Here are 10 questions to ask yourself.
Do you refrain from telling the truth even though it’s needed?
Your friend asks your opinion on an outfit for a job interview. Do you tell her she looks great so you won’t hurt her feelings? You can be more helpful if you say, “I really want you to ace this interview and if we tweak your outfit a bit it should do the trick!”
Are you impatient when your bestie won’t get to the point?
She’s upset, she needs you, but she’s a drama queen. A good way to handle this is to use a coaching technique: “How about in five minutes we’ll figure out what you need to do?” Give her a (smaller) moment.
Is your empathy tank only half-full?
When a friend is betrayed, don’t dismiss her feelings with a brisk platitude like, “He’s a jerk!” He is, but better to say, “I know you’re hurt, but we’ll get through this together.”
Did you promise not to tell but can’t keep a secret?
You’ll betray a confidence and if the news breaks, you’ll lose a friendship. Instead, think about what being a great friend means and zip the lips! If you can’t, three little words help: “Don’t tell me!”
Are you too bossy?
Should-ing people, as in “I really think you should do this,” is about pressing your agenda forward. Instead, try, “I have a suggestion. If you’re interested, it might be helpful.”
Do you waste someone else’s time?
A luxury of good friendship is time to chat, text, or Skype, but you may be overstepping an important boundary. Don’t overstay the welcome of a friendship by hanging on for too long. Be a mindful friend.
Do you enable your friend’s worst impulses?
Don’t volunteer to help spy on her ex, tell her to buy that Chanel bag on her admin assist’s salary, or urge her to confront her mother-in-law. Help empower your friend to make the best choices.
Are you an ATNA?
ATNAs are All Talk, No Action. Do you say, “I’m there for you, you can count on me” but when the going gets tough do you always have a ready excuse? Being there for a friend means exactly what it says. Be there.
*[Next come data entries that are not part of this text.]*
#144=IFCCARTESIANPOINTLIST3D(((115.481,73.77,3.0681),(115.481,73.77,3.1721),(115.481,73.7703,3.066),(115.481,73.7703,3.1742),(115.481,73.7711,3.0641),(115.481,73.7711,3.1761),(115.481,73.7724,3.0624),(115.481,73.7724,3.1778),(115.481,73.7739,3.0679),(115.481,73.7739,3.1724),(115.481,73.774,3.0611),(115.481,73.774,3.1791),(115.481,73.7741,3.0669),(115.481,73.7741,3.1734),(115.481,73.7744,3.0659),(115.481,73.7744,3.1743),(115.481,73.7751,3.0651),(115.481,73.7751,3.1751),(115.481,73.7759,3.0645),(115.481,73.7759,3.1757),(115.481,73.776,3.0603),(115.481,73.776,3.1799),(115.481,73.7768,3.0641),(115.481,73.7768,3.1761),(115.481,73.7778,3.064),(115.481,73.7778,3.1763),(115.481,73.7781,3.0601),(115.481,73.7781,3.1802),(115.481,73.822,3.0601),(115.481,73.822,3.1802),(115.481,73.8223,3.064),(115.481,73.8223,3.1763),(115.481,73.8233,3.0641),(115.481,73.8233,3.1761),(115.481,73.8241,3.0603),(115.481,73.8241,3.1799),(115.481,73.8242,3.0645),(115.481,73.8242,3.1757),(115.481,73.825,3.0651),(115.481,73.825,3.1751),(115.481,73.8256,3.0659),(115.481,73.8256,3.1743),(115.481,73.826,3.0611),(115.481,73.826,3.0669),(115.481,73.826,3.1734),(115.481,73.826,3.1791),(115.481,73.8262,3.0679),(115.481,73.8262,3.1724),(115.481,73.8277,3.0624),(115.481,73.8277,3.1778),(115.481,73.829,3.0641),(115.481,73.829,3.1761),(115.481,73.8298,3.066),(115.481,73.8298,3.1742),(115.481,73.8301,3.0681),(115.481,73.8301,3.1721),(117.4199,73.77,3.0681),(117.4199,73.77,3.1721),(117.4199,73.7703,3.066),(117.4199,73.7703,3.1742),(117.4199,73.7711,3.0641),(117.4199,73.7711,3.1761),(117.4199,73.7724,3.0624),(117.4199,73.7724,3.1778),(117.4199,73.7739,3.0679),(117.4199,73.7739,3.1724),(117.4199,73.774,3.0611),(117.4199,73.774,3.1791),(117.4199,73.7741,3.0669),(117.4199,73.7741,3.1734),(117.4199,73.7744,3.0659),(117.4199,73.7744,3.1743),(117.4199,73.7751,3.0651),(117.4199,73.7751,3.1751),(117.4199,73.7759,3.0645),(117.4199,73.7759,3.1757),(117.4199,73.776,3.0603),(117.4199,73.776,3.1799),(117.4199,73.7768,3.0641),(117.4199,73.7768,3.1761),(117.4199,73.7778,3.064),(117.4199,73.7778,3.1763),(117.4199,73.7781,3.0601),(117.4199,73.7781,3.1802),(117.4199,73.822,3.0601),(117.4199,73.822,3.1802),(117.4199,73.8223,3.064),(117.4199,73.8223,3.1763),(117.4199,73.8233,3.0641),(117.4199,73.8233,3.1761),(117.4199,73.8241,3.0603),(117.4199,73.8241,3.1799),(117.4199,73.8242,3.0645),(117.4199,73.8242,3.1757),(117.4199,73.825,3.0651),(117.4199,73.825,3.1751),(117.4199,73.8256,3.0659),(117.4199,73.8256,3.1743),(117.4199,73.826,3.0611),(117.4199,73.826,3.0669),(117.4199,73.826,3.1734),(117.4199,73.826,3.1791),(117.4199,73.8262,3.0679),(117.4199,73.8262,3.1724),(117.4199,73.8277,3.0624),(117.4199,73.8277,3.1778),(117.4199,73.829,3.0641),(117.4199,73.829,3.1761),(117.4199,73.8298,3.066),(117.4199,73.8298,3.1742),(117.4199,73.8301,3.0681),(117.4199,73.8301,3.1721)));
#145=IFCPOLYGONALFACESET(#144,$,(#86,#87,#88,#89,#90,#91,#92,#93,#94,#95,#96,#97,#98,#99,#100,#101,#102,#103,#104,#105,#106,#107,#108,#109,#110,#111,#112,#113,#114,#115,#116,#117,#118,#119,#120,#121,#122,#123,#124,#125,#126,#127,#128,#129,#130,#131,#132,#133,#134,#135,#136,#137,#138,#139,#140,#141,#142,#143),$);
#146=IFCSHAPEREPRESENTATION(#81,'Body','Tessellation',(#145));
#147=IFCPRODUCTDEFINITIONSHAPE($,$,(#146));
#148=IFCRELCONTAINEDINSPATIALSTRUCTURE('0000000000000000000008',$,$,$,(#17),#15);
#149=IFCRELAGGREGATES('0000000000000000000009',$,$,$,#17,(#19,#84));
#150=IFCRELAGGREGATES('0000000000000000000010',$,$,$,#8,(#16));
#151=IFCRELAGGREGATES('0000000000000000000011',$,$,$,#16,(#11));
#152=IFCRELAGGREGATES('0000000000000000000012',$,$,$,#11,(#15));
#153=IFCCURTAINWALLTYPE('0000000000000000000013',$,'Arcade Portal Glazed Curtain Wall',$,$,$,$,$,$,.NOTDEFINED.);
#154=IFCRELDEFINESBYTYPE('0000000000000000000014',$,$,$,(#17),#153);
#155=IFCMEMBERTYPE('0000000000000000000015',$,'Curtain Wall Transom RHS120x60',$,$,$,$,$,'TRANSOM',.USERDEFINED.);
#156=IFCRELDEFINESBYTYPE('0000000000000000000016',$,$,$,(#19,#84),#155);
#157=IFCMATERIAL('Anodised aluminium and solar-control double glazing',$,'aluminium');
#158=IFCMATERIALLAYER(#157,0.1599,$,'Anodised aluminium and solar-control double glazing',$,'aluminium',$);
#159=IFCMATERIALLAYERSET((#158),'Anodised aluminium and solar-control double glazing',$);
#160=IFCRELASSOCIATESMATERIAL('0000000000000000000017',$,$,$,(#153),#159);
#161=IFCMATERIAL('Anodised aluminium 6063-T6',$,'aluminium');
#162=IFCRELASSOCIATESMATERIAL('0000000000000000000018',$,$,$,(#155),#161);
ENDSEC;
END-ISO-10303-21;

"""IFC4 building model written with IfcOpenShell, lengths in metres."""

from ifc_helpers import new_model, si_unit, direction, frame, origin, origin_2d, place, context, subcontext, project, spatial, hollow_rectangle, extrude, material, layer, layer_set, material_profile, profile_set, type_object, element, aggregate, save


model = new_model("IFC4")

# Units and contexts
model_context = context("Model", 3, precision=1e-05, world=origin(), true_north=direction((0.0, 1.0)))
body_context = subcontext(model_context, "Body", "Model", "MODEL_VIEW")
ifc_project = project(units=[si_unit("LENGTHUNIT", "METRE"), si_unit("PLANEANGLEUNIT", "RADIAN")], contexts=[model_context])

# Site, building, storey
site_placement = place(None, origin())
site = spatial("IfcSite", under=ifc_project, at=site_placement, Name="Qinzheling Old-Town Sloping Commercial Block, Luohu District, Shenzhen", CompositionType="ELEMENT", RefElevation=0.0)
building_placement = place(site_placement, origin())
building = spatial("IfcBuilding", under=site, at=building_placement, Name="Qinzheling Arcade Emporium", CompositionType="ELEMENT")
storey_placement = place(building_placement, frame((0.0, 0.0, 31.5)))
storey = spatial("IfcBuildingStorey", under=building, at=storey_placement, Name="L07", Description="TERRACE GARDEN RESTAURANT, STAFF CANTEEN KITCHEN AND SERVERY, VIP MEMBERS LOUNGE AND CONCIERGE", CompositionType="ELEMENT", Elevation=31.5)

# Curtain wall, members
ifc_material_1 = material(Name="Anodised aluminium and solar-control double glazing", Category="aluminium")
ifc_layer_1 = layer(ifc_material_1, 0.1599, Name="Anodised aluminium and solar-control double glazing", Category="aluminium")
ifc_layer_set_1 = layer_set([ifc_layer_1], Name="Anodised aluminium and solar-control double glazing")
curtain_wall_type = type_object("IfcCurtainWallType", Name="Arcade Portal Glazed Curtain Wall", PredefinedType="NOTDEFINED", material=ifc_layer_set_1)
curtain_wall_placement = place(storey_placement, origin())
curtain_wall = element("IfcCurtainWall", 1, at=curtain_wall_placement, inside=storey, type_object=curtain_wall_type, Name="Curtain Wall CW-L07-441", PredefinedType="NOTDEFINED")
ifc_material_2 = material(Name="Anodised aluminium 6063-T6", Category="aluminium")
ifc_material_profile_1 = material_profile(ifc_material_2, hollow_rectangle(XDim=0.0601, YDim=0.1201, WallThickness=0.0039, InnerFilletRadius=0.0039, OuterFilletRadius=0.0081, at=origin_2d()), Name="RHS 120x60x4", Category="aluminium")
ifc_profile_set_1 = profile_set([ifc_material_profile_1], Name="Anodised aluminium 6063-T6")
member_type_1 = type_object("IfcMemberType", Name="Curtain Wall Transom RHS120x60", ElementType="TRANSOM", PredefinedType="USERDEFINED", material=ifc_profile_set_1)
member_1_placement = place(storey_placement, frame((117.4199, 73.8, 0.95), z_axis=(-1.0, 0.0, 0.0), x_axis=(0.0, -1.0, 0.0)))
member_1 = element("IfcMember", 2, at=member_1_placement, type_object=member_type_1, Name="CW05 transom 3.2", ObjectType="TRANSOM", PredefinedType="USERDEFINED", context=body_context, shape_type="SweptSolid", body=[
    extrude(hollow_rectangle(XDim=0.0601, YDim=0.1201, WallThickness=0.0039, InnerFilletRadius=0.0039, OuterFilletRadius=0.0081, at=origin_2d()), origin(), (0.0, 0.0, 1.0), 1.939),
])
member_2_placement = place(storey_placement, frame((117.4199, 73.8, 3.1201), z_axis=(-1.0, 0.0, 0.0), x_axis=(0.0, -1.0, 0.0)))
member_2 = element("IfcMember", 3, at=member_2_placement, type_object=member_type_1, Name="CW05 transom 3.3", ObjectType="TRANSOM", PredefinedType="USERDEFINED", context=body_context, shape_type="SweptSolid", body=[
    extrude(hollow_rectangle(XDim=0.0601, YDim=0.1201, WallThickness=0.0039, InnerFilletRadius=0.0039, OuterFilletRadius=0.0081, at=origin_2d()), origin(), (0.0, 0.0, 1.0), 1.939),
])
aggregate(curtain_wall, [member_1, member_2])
Are you enabling a cheapskate?
Some people don’t like paying their share. If you have a friend who constantly leaves her credit card “at home” or never carries cash, tell her about Venmo or Zelle. Offer to teach her how to use them. No one likes a Scrooge and you’ll be helping her out socially.
Why not save that friendship?
Sometimes a friendship just doesn’t work anymore, but if you value the friendship, you can do something. Be honest but take the time to talk and try make things right. A real friend is a rare thing, not to be easily cast aside.